I work in hospitality and sales, and even though I hate shaking hands with people under any circumstances, I really don't want to after reading about how easy the swine flu spreads. In the course of a day, I have guys of all races and backgrounds coming at me for a greeting, and I can't have my reluctance misinterpreted. And I can't do an Adrian Monk (wipe!) after every handshake.

Is there any agreed-upon protocol in the professional workplace that can be widely communicated via your blog to avoid any hurt feelings/rejection?

Offhand, the best I could think of would be to tell people, "Sorry, I think I'm coming down with the flu, and so I had better not shake your hand. I don't want to get you sick." Then make a little bow.


Comments (13)

Jack you are right. I do that anyway when I am not feeling well as a matter of courtesy.


A kick in the rotten tomatoes outta do it.

Two words: Purell.

As a current cancer patient, well into the immune-impaired phase, I try to remember to keep my hands away from my face when I'm out, and wash often. And I've been carrying around a sample-sized bottle of hand sanitizer in my pocket. Recoiling a bit from the hugs and kisses that some people not part of my usual circle seem to want to give me to show their concern. More than that is so far more than I can handle mentally.

If you listen to my crazy in-laws, they're convinced the world is going to end because of the flu, and are just going to be holed up inside for the next 9 months.

I do that anyway when I am not feeling well as a matter of courtesy.

Yes, but now I suggest doing it even if you are not ill, as a precaution. Is that kind of little white lie o.k. as an ethical matter?

Bring gloves back into fashion! Gloves used to be worn whenever out in public. I'm sure the style evolved for a reason -- same reason we're facing now.

You work in hospitality and sales and hate shaking hands with people under any circumstances? My advice is to change your career.

And, if you really are sick think you may be sick, I don't want to be around you - handshake or not.


I would personally love to see an eastern Asia style bow come into vogue.

Definitely. The reason why Japanese live longer than we do may have nothing to do with their diet or their genes, but simply that they don't shake hands so much.

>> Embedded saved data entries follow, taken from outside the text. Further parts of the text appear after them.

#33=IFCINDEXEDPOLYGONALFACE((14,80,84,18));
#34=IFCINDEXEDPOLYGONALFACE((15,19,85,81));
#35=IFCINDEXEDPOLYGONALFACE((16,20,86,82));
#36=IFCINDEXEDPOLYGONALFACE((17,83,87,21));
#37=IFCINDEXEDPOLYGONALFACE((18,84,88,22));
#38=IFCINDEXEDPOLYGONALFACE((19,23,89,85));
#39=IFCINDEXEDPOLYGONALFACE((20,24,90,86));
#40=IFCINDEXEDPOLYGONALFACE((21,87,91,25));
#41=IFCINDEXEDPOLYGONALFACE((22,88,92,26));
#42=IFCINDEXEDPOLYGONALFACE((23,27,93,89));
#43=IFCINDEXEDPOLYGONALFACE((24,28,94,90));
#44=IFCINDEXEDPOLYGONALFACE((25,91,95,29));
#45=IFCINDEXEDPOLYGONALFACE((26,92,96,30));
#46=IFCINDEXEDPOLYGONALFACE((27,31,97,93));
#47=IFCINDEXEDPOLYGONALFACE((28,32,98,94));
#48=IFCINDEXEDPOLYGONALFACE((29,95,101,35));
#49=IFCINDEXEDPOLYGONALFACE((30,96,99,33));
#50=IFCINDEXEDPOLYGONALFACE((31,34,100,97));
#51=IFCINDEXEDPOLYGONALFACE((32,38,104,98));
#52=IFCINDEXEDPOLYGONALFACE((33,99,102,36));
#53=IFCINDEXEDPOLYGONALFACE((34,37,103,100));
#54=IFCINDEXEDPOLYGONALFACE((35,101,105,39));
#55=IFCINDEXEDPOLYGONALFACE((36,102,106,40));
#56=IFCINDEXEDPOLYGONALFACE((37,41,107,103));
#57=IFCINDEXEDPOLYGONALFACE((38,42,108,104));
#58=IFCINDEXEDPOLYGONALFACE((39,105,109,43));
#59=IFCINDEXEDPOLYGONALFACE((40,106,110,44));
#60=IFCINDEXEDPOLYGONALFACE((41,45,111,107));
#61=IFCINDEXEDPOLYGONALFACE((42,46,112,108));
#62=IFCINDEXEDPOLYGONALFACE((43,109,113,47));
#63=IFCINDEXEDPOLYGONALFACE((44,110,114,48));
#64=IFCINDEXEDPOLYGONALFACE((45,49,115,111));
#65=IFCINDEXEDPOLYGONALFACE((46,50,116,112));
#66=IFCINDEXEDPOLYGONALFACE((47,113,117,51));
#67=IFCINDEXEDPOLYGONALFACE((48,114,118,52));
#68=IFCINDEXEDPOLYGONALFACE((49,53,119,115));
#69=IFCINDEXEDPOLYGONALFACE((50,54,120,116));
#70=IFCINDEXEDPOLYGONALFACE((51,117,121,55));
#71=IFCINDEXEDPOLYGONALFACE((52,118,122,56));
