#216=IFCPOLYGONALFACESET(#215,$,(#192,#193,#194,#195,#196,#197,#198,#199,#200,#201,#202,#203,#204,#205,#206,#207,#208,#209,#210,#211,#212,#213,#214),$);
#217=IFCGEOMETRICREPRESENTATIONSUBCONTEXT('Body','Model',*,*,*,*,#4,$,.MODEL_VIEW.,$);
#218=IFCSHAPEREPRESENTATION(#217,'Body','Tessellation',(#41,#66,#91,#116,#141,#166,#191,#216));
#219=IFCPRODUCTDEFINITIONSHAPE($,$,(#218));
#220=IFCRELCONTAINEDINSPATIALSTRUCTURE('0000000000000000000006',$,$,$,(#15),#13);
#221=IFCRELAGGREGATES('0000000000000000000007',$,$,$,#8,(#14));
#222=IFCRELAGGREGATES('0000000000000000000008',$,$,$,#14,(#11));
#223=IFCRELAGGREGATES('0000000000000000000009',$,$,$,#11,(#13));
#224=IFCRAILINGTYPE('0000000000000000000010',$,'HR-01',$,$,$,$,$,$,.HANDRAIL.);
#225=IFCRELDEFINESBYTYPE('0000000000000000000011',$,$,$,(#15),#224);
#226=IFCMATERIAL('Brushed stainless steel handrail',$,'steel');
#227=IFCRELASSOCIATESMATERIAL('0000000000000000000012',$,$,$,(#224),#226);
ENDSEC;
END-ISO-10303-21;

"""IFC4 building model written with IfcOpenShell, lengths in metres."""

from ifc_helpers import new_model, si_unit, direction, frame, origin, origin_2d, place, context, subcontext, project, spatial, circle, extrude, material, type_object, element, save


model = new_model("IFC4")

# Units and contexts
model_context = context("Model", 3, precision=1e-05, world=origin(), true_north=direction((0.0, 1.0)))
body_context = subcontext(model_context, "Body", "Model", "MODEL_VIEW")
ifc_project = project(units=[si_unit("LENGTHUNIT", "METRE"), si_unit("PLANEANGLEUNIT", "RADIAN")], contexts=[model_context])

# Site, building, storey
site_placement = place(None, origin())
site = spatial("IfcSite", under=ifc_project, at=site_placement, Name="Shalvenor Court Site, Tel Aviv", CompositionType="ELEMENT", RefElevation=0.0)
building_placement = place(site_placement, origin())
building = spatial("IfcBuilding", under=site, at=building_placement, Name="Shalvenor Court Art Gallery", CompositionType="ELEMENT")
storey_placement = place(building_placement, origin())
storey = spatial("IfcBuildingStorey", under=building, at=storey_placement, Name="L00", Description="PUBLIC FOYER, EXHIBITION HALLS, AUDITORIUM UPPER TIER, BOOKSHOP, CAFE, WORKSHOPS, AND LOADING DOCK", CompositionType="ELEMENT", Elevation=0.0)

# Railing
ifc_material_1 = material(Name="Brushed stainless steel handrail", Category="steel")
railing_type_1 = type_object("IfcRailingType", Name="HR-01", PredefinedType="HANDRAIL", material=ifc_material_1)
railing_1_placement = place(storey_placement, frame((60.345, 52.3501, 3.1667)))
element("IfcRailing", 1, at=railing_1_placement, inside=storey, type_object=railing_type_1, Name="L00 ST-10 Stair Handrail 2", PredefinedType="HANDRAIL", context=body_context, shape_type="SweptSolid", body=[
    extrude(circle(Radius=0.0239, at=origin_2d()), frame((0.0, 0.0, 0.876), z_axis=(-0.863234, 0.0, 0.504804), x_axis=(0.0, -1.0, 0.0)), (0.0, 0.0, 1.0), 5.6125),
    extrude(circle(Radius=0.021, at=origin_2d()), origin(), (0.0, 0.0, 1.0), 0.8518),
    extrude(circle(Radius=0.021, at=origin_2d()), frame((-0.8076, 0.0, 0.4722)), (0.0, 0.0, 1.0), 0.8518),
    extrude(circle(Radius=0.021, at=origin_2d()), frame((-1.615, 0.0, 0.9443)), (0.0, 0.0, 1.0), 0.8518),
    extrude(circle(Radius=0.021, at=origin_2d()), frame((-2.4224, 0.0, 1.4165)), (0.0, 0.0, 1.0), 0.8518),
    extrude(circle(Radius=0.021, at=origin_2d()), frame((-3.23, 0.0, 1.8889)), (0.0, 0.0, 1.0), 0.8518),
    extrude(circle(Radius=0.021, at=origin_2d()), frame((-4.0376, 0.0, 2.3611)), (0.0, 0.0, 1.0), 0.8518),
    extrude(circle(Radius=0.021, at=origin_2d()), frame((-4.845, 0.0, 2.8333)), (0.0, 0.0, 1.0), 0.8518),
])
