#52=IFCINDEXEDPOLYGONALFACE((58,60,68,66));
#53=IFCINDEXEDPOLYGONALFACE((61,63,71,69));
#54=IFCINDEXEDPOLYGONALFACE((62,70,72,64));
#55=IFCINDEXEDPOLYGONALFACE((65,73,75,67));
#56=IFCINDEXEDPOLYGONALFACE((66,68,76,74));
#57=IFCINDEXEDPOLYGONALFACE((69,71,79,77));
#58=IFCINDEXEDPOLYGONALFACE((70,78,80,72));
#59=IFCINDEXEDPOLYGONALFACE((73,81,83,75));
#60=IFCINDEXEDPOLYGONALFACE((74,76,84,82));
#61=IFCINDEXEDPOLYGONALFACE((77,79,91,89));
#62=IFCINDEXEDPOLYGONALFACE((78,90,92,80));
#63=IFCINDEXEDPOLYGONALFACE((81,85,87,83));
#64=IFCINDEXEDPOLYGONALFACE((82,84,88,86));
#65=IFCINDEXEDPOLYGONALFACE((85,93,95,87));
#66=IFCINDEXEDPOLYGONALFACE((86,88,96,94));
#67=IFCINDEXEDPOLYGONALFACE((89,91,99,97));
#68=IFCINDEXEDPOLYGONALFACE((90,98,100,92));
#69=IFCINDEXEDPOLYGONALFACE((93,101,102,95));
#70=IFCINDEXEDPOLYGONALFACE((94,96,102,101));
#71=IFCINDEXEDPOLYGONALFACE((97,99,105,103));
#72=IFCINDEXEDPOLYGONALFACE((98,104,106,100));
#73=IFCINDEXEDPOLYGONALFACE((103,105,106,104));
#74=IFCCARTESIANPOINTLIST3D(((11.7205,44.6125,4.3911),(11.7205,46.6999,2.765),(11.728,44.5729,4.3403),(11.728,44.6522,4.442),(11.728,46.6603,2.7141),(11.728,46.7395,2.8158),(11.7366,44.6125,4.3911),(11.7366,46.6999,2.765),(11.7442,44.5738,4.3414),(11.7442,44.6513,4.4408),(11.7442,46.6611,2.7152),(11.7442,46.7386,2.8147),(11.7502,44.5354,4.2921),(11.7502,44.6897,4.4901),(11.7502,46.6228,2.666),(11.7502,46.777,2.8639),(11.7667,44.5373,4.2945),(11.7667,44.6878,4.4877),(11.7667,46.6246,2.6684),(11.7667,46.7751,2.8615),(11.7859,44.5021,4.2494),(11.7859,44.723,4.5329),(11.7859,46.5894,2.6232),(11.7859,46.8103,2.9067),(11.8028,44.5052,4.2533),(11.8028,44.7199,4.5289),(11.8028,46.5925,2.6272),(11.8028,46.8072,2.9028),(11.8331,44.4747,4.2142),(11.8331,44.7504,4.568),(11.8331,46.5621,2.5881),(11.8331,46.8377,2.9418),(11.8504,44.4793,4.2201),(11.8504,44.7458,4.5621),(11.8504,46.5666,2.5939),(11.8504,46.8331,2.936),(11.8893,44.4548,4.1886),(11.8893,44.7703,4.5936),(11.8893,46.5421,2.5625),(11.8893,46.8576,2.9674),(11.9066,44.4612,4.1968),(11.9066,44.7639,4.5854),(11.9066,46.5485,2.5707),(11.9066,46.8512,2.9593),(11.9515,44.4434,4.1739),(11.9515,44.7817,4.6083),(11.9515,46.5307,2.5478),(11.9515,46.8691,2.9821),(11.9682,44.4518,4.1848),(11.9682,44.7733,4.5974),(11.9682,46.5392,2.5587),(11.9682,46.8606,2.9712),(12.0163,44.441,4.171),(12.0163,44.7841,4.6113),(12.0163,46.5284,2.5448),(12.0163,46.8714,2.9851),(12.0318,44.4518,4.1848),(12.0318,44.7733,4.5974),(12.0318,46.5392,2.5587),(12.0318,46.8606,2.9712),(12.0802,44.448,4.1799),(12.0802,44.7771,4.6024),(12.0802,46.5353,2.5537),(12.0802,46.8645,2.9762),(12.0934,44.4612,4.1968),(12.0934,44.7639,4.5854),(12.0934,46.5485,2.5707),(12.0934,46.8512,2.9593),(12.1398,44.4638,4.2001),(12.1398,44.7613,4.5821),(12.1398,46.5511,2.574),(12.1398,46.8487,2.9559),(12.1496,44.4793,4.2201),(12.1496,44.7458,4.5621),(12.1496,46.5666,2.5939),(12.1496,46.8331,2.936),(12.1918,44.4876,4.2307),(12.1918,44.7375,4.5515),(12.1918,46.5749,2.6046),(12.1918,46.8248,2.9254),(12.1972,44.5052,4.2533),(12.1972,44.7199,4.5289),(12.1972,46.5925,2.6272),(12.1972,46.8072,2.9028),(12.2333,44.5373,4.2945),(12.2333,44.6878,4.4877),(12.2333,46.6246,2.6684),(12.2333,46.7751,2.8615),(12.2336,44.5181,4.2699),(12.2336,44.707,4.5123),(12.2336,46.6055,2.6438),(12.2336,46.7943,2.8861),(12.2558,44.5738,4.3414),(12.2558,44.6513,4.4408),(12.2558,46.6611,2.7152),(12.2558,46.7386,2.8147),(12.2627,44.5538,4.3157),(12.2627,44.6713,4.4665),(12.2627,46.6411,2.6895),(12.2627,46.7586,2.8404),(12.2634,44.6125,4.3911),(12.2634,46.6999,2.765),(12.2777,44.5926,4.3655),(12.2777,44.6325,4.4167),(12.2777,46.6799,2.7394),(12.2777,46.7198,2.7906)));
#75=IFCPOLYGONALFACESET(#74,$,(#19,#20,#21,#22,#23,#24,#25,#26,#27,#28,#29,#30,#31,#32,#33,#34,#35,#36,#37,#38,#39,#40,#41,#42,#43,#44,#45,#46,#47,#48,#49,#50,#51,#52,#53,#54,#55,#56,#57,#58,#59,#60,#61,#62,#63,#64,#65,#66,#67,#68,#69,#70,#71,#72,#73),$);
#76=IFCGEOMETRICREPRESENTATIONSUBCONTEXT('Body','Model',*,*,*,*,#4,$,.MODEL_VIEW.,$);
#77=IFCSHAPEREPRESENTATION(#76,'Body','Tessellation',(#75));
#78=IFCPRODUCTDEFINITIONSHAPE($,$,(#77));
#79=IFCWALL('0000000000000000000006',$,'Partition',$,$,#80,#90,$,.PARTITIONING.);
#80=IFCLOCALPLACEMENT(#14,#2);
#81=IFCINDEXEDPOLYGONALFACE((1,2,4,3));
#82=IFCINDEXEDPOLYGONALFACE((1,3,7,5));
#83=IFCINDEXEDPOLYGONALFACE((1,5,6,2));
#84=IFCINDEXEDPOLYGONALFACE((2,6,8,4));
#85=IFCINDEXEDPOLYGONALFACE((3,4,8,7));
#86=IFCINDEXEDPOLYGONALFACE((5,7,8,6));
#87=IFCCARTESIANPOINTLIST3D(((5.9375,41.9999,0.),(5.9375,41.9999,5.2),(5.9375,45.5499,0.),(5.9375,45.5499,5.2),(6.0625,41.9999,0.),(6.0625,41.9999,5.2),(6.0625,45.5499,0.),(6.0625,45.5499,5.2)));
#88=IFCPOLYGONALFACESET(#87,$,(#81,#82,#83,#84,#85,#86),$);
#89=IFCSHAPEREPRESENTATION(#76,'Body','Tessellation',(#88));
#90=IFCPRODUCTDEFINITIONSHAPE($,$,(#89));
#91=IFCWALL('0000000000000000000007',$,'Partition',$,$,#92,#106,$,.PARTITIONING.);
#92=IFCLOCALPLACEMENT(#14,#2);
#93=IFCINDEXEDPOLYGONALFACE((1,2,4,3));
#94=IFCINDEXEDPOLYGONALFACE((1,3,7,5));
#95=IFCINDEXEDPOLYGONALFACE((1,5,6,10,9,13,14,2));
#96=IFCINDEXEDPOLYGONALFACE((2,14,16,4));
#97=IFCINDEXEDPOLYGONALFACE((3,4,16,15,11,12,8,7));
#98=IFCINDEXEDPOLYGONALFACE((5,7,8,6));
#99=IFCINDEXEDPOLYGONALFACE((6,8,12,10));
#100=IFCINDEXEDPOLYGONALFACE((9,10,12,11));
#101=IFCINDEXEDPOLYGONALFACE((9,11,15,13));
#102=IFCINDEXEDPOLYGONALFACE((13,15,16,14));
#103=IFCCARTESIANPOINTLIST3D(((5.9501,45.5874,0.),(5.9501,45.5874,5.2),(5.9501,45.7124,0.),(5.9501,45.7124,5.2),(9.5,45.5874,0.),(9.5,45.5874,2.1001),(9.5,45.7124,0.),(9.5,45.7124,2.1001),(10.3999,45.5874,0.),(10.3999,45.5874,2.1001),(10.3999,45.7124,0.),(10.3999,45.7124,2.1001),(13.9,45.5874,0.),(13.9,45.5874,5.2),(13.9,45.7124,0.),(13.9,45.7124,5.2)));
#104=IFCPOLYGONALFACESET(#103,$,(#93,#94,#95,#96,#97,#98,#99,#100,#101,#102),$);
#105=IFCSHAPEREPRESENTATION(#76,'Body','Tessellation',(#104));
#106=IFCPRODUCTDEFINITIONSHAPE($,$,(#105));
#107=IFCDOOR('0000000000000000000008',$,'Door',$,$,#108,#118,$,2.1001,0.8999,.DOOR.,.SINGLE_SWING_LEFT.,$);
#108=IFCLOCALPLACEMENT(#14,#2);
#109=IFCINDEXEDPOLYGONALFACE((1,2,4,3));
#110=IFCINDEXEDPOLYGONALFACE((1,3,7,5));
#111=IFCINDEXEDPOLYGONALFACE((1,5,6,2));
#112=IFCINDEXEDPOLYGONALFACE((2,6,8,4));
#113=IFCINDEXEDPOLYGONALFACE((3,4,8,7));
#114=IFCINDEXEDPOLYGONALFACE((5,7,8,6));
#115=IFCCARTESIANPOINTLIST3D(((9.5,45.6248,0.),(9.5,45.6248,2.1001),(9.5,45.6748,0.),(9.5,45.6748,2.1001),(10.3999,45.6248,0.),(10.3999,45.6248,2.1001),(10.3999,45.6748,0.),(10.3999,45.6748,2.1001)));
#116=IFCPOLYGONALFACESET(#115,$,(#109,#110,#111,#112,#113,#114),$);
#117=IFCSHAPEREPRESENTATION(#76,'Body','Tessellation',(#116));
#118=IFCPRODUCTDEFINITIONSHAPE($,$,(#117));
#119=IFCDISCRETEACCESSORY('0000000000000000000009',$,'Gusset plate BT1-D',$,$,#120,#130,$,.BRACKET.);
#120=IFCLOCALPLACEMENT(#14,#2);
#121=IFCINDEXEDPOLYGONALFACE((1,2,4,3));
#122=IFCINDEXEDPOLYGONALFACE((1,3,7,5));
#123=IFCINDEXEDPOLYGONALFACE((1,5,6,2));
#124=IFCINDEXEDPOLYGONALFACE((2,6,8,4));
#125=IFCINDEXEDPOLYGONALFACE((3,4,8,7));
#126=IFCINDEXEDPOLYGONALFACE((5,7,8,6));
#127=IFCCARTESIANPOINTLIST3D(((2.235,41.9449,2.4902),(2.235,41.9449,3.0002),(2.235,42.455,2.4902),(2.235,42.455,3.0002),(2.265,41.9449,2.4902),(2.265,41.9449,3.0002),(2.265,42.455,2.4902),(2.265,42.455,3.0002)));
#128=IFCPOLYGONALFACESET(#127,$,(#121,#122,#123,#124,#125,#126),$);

In my martial arts school, we would always bow and shake hands when paired up with a partner or competitor while training, and we would rotate those students a lot, so one would come in contact with about a dozen hands per class. Then a couple of nurses joined the school and totally balked at the idea. After giving it some thought, we decided to just go with the bow and forget the handshake. Our loss of students to illness during the subsequent cold and flu season plummeted dramatically, so the policy now has stayed in effect for a decade.

Ask me any question

Will I get **** this weekend?

You can't go wrong with a nice, long, sustained kiss on the mouth instead.